What is surprising in this case is not the perverse boss’s insistence on belittling his victim, but the surrounding group (employees) who accept this humiliation of their colleague, and sometimes even support such behavior, even though there is a risk of persecuting any of them. the same behavior of the boss is possible and very likely.

The first of the authoritarian president’s attack campaigns is to blame the victim for the results of the quarrel at work and the inability to adapt to the circumstances in which he finds himself.

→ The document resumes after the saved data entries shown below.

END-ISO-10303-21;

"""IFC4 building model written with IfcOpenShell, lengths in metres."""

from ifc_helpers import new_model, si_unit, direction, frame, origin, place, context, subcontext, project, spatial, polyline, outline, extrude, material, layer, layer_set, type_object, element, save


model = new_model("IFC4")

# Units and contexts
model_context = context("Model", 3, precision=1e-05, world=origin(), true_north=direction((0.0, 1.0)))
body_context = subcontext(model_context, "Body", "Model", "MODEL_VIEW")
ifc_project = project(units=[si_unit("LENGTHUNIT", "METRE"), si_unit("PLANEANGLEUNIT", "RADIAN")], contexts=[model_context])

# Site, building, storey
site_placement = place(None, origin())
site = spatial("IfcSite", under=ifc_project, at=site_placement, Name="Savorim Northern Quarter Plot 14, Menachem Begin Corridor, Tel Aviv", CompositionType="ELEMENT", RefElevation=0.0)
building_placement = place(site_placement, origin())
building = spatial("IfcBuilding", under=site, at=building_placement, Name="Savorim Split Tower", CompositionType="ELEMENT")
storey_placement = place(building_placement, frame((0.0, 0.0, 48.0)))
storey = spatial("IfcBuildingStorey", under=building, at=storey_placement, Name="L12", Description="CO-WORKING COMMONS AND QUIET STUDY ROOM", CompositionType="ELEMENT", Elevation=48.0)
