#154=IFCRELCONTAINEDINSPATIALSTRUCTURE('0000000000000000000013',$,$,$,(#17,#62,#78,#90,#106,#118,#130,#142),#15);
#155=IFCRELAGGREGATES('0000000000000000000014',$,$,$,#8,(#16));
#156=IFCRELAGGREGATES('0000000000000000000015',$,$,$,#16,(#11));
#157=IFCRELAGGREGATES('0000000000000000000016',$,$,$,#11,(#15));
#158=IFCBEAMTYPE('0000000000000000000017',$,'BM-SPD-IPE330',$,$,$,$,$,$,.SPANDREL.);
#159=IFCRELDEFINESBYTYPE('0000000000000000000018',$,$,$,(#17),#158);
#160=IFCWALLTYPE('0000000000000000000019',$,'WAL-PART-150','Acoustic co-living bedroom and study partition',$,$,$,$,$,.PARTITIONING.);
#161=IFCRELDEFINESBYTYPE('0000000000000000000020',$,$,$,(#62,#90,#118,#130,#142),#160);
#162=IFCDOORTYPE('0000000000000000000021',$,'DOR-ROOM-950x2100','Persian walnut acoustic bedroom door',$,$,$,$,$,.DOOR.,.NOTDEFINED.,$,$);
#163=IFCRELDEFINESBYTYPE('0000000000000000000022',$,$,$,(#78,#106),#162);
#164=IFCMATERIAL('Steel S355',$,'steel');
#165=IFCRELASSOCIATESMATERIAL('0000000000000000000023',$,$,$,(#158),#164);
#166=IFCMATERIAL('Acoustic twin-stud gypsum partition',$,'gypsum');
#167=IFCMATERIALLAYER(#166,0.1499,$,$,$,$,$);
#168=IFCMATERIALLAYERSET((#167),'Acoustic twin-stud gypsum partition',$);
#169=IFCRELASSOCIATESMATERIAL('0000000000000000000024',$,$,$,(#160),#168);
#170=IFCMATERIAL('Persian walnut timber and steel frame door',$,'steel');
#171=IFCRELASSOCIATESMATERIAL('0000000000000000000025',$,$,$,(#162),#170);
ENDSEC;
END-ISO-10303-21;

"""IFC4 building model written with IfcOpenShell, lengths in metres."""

Sometimes anger arises from the presence of a man in a group of women, or a woman in a group of men, or racial, religious or social discrimination. And in other cases, the industry of trouble stems from envy and the desire to obsess over a victim who enjoys beauty, youth, wealth or unique skills, such as an old manager hunting a young man who recently graduated with academic degrees that this manager did not receive , or a bad-tempered manager stalks an employee who has an elegant and refined sense of choice.

In general, regardless of the type of anger, how do you deal with it?

Certainly, it is difficult to escape from a deviant person, and the alternative is to gain new self-knowledge that protects victims of bullying from falling into the jaws of mental or physical illnesses. Acquiring knowledge is the most important line of self-defense, and the first step is to notice the behavior of the “grantor” who tries to hold us responsible for any disagreements in the family or at work, and then calmly analyze that behavior. and calm, in order to avoid feeling guilty or exhausted by the troubles of failed relationships that we did not cause. In his failure, and most importantly, for the victim not to be part of the perpetrator’s game, or else to veer into a series of maneuvers that he imagines could protect him, that is what the grumpy creator is looking for.

The real victory is not allowing this deviant to make our lives miserable, by working to thwart the aggressive methods he resorts to, as well as by seeking help from a trusted person, or by the intervention of the judiciary and the law. A person who is exposed to psychological aggression must write down and record every form of provocation.

God, protect us from trouble and trouble against us.